Why do we need to convert to a diagonal matrix?

[matqkks]

Apart from simplifying matrix powers, why do we want to diagonalize a matrix? Do they have any appealing application which can be used to motivate to study diagonal matrices.
Thanks for any answers.

 

[Ackbach]

Simplifying matrix powers IS the main application for diagonalization. Why? Because of the very general ODE $\dot{\mathbf{x}}=A\mathbf{x}$ for constant $A$. If $A$ is diagonalizable, then the solution $\mathbf{x}=e^{At}\mathbf{x}_{0}$ makes sense only if you can exponentiate the $At$. To do that, you can form the Taylor series using matrices. Then, to compute that Taylor series, the computations are much more tractable with a diagonal matrix.

 

[Deveno]

multiplying (square) matrices is complicated, we have n² inner products of rows and columns to consider, which is:

n³ + n arithmetical operations in all (n products in each inner product, plus a summation, times n²).

multiplying diagonal matrices is much simpler, the resulting product is ALSO diagonal, and requires only n operations:

diag{a₁,...,a_n}*diag{b₁,...,b_n} = diag{a₁b₁,...,a_nb_n}

even when n is small (like say n = 4), this is a tremendous savings of calculational effort (we only have 4 steps of arithmetic, rather than 68).

it also making calculating the determinant MUCH more tractable: the determinant is invariant under a similarity transform. for an nxn matrix, normally calculating it requires computing n! n-fold products and then summing these, whereas computing the determinant of a diagonal matrix requires just computing ONE n-fold product.

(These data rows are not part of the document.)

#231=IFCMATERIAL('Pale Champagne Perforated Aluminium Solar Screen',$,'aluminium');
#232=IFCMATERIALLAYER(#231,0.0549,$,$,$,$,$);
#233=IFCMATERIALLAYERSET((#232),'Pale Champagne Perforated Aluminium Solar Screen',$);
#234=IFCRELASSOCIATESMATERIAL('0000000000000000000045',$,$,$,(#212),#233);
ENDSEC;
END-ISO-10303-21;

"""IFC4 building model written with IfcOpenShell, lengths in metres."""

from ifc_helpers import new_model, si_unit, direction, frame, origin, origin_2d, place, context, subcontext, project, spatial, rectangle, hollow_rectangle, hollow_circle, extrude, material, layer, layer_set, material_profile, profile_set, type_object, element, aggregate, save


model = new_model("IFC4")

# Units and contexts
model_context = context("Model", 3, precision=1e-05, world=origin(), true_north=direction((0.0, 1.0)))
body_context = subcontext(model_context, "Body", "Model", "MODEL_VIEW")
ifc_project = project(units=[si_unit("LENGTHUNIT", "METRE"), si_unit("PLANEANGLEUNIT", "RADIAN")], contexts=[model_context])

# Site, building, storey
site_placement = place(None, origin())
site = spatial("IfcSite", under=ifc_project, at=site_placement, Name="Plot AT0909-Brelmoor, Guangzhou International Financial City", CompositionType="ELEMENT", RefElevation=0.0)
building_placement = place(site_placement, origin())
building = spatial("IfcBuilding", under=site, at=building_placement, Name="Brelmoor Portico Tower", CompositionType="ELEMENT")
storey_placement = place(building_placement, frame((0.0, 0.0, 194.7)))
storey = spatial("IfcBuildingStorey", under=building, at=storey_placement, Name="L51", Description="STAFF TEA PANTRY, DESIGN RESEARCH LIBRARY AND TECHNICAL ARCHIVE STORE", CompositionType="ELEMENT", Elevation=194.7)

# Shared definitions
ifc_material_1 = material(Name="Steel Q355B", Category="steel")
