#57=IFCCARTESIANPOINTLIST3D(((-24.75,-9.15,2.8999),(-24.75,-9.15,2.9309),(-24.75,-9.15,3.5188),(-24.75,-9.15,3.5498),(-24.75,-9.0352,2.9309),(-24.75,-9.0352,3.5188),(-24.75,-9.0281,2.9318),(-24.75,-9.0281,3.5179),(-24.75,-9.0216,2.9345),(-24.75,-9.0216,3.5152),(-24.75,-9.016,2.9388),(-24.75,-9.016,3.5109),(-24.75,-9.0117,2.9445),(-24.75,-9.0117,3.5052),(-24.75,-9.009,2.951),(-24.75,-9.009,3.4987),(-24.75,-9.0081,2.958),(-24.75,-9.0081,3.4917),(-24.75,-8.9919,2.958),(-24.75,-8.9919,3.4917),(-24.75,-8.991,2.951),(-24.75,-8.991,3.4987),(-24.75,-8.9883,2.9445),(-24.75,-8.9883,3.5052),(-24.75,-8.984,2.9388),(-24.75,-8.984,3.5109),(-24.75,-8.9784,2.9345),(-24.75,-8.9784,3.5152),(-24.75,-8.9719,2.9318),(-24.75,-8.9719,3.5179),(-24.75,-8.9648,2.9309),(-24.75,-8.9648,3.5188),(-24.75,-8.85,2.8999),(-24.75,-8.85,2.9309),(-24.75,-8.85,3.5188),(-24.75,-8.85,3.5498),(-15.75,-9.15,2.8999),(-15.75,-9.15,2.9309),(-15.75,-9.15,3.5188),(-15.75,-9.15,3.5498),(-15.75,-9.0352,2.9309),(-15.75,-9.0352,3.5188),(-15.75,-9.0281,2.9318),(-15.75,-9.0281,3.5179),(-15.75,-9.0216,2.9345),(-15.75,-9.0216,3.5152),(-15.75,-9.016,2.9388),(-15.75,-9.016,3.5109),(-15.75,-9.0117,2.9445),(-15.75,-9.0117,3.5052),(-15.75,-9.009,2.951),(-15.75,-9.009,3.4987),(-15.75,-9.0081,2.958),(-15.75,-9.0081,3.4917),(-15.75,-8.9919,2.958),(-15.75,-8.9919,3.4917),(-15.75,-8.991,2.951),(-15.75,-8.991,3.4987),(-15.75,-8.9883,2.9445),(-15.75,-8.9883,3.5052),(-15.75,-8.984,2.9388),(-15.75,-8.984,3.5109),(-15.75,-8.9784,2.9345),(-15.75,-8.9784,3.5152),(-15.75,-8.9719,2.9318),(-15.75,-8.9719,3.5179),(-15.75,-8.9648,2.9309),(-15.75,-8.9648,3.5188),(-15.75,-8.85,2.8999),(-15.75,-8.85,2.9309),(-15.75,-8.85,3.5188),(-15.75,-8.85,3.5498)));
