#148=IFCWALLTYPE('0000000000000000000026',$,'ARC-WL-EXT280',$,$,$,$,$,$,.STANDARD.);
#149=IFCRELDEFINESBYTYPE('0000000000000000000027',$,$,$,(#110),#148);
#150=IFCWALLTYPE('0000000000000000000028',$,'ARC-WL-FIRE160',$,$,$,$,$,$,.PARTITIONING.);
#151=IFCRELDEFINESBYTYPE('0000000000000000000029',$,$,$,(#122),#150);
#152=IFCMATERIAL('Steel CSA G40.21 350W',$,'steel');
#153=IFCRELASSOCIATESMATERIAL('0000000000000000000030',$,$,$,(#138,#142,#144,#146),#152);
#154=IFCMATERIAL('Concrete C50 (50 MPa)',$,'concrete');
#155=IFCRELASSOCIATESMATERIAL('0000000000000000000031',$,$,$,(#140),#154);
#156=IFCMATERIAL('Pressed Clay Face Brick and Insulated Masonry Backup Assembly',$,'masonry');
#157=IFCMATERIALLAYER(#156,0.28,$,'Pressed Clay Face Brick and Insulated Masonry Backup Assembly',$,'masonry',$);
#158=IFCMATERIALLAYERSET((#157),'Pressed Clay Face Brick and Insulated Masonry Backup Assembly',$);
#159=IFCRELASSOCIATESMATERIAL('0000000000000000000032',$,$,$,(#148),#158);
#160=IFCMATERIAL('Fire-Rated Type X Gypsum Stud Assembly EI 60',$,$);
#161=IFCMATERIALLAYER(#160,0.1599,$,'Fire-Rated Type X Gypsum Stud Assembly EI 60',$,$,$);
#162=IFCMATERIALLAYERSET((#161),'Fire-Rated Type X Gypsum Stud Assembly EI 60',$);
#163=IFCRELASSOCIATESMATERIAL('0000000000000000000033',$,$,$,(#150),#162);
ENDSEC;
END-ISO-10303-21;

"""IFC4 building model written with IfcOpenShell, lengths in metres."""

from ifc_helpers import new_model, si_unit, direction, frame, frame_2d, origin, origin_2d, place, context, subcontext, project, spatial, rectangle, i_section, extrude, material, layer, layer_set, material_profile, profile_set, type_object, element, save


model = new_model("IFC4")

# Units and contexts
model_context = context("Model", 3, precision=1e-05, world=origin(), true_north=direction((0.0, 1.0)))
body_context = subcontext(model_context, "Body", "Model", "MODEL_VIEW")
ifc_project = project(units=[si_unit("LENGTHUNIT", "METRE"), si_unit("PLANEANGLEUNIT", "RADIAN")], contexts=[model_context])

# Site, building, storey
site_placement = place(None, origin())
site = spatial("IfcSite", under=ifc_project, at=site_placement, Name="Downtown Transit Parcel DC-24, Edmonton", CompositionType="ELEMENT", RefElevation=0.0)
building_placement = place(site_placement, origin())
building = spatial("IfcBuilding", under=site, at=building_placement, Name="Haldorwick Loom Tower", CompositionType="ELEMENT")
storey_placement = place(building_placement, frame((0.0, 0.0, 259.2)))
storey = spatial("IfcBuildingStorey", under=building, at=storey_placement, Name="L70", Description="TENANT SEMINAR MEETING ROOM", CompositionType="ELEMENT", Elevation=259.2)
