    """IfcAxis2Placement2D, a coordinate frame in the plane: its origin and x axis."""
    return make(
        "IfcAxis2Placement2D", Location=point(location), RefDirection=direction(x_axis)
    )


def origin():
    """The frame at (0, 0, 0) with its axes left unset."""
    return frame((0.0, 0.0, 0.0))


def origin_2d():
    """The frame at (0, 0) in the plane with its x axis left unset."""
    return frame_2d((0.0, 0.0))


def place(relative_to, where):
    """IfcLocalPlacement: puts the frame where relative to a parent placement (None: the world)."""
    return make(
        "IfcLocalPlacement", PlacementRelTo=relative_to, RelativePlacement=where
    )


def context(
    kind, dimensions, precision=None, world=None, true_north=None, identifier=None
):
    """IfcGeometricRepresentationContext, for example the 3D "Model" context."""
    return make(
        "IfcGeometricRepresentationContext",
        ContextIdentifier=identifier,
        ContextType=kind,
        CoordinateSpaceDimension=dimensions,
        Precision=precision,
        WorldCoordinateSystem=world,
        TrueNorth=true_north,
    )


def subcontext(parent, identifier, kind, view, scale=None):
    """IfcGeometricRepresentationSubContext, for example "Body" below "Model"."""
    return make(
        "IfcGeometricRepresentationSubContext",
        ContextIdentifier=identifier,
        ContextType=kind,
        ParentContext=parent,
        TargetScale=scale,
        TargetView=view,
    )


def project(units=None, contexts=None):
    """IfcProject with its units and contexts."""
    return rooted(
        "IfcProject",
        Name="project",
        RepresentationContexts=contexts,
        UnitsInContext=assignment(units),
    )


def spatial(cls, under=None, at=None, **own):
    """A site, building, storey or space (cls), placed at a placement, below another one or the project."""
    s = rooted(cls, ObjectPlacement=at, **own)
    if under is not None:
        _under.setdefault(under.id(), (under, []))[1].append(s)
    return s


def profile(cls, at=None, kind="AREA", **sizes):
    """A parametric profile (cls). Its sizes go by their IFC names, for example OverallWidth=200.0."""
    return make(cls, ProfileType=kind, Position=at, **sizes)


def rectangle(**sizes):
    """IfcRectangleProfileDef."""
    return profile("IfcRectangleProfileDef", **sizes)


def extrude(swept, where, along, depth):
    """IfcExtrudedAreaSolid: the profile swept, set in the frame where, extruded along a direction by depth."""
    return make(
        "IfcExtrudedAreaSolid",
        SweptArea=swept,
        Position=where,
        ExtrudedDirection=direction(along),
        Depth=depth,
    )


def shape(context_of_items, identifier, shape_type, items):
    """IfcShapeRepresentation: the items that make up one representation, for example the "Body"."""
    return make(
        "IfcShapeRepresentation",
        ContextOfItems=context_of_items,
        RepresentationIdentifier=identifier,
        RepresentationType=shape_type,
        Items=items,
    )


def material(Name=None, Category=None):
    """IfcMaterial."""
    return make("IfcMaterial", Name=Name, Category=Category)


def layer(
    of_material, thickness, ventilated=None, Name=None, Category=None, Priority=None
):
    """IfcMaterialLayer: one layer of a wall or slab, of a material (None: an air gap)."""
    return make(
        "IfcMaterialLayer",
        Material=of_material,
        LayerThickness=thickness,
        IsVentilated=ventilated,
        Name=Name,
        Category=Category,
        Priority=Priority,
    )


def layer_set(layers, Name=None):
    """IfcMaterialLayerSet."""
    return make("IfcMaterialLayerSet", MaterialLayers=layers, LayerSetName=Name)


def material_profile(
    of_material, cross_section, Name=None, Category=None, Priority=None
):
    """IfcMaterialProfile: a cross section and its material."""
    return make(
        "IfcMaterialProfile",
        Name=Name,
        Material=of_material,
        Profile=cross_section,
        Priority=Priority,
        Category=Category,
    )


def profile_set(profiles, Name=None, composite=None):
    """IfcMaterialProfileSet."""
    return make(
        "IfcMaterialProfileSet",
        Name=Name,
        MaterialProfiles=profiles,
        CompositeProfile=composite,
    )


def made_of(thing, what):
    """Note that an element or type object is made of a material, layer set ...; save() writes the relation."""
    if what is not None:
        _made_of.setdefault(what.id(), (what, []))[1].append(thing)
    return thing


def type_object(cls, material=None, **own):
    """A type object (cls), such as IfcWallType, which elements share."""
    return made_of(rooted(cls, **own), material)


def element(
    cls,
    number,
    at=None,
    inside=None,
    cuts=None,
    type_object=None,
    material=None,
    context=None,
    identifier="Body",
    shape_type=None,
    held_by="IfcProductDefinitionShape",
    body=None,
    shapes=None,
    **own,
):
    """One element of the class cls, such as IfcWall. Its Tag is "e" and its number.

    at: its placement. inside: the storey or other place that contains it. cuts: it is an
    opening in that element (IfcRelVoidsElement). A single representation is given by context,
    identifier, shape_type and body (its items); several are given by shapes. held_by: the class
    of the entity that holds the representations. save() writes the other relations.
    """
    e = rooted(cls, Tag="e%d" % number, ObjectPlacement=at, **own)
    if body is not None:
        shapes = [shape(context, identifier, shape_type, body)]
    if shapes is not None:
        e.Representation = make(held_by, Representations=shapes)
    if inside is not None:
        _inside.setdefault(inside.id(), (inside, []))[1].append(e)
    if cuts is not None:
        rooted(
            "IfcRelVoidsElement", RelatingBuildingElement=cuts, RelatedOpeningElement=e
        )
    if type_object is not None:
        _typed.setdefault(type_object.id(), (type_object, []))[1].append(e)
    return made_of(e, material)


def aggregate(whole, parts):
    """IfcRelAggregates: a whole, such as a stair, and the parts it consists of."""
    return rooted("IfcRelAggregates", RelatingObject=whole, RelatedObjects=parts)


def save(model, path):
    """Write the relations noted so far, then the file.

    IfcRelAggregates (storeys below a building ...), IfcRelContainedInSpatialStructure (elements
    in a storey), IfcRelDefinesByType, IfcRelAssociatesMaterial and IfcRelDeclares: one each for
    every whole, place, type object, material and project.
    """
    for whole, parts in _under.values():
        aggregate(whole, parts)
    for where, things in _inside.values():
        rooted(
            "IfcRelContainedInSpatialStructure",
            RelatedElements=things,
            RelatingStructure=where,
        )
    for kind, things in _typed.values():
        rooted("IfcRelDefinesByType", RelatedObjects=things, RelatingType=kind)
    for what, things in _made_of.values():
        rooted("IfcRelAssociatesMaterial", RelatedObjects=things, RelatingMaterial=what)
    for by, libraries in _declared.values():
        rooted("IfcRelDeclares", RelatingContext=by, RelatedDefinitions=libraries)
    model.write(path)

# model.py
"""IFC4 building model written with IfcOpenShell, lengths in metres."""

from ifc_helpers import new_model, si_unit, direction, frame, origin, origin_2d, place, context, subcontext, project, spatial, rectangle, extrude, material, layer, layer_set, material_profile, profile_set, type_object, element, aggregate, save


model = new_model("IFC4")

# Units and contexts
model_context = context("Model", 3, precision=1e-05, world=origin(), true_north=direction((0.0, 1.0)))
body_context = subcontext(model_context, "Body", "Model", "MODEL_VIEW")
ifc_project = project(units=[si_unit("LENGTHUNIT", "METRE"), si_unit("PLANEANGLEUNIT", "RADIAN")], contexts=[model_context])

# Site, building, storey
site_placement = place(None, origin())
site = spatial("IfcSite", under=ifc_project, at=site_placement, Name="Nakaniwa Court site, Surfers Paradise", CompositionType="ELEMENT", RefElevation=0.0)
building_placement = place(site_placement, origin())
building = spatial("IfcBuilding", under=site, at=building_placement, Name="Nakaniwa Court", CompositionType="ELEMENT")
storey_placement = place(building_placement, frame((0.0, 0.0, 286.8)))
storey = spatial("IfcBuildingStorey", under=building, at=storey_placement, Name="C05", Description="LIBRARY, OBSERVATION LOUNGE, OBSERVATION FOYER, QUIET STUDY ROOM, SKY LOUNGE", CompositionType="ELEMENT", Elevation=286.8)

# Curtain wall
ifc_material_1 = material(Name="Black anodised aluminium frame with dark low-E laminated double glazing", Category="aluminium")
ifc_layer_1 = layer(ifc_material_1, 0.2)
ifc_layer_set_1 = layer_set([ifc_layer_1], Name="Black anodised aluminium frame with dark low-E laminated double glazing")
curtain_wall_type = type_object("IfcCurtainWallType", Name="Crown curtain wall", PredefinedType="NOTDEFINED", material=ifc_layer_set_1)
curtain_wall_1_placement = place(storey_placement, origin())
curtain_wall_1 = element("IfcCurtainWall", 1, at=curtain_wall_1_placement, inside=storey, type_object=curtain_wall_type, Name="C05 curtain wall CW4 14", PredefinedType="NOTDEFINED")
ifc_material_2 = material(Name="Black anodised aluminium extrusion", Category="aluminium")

for example, computing a 5x5 determinant requires 121 arithmetical operations (even determining which 120 5-fold products to compute is tedious), whereas computing a 5x5 diagonal matrix's determinant can often be done in your head.

morevoer, if A is diagonalizable, diagonalizing A illustrates a deep connection between the diagonalized matrix and the eigenvalues of A, and the diagonalizing matrix P and the eigenvectors of A (and since P is invertible, that the eigenvectors form an eigenbasis).

the "catch" here is that not all matrices ARE diagonalizable. it turns out, however, that we can at least "semi-diagonalize" A into the sum:

D + N, where D is diagonal, and N is nilpotent.

this shows how important understanding nilpotent linear transformations is to "getting a good picture of bad matrices" (the diagonalizable ones being "good matrices").

if a matrix function can be represented as a power series (such as in the exponential example Ackbach gives), then computing the matrix function becomes a LOT easier if our matrix is diagonalizable.

unfortunately, the set of diagonalizable matrices isn't closed under matrix addition, which is a darn shame.